In the joint-call step, sawfish primarily relies on the files it has written to the discover step output directory for
each sample. For two of the file paths provided as input to the discover step, sawfish may rely on being able to
access the original file path provided during the discover step. These two files are the input alignment file (specified
with --bam), and the reference fasta file (specified with --ref).
Note that the sawfish joint-call step can be configured to eliminate any such original path reuse as follows:
- If the
--refargument is provided in thejoint-callcommand-line, then the reference file path will not be reused from the discover step. - If the input samples are specified using the
--sample-csvoption, and a bam file path is provided in column 2 for every sample, then no bam paths will be reused from the input discover steps.
In the event that the above conditions do not apply, then the following details on how paths are reused may be helpful.
The original file paths used in the discover step for each sample are stored in a configuration file written to the discover step output directory here:
${DISCOVER_STEP_OUTPUT_DIR}/discover.settings.json
These input file paths are normally canonicalized, so that relative paths can be reliably reused after any change to the
working directory.
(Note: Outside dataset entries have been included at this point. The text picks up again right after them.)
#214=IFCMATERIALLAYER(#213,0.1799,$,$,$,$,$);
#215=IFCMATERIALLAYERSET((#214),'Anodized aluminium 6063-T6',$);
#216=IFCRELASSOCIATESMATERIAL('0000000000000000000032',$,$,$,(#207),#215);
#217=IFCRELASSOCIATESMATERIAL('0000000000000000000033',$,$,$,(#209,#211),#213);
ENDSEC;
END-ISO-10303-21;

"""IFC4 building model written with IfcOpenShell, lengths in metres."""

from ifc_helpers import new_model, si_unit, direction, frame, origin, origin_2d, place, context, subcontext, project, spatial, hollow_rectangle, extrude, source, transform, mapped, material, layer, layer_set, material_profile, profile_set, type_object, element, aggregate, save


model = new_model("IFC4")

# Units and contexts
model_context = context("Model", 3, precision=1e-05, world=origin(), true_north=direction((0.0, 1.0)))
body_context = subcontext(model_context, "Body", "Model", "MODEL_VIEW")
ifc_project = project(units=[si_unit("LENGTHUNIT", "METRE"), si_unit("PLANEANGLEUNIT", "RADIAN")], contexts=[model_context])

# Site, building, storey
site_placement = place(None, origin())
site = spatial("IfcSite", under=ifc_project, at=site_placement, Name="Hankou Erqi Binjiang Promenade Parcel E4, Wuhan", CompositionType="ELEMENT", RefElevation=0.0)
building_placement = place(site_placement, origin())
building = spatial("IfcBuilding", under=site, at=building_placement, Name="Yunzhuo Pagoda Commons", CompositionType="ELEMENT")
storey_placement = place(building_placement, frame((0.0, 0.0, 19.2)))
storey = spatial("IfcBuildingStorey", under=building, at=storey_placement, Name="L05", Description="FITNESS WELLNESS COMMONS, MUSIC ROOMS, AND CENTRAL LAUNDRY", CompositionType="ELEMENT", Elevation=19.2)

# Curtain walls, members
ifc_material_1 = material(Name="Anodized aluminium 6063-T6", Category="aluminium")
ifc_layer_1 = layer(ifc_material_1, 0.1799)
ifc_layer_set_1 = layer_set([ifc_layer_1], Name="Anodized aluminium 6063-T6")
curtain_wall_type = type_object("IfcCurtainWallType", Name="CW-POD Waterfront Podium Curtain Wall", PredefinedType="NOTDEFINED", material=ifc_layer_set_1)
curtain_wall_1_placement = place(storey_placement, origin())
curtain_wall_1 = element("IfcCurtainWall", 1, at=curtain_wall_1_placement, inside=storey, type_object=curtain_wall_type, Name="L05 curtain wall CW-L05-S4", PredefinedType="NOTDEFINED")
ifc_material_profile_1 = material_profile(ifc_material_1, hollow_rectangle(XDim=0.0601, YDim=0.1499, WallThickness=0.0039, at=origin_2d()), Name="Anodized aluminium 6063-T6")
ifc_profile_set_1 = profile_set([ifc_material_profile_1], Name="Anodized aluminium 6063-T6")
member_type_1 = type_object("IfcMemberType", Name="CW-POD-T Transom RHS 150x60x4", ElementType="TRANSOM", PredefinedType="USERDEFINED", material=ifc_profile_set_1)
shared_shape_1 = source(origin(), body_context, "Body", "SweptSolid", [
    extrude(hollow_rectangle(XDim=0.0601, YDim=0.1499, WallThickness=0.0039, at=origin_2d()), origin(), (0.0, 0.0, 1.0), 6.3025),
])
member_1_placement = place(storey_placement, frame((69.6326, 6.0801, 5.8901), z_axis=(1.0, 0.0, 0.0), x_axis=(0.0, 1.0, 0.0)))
In some cases it may be more convenient to store relative file paths. To do so the discover step
option --disable-path-canonicalization can be used to store all input paths as-is. This may be useful if e.g., the
discover and joint-call steps are being run in different directory structures.
Note that for even more complex situations, the paths in the above discover settings json file can be manually edited
before running the joint-call step, but in general the above mentioned --sample-csv sample specification option
should provide a simpler path customization option.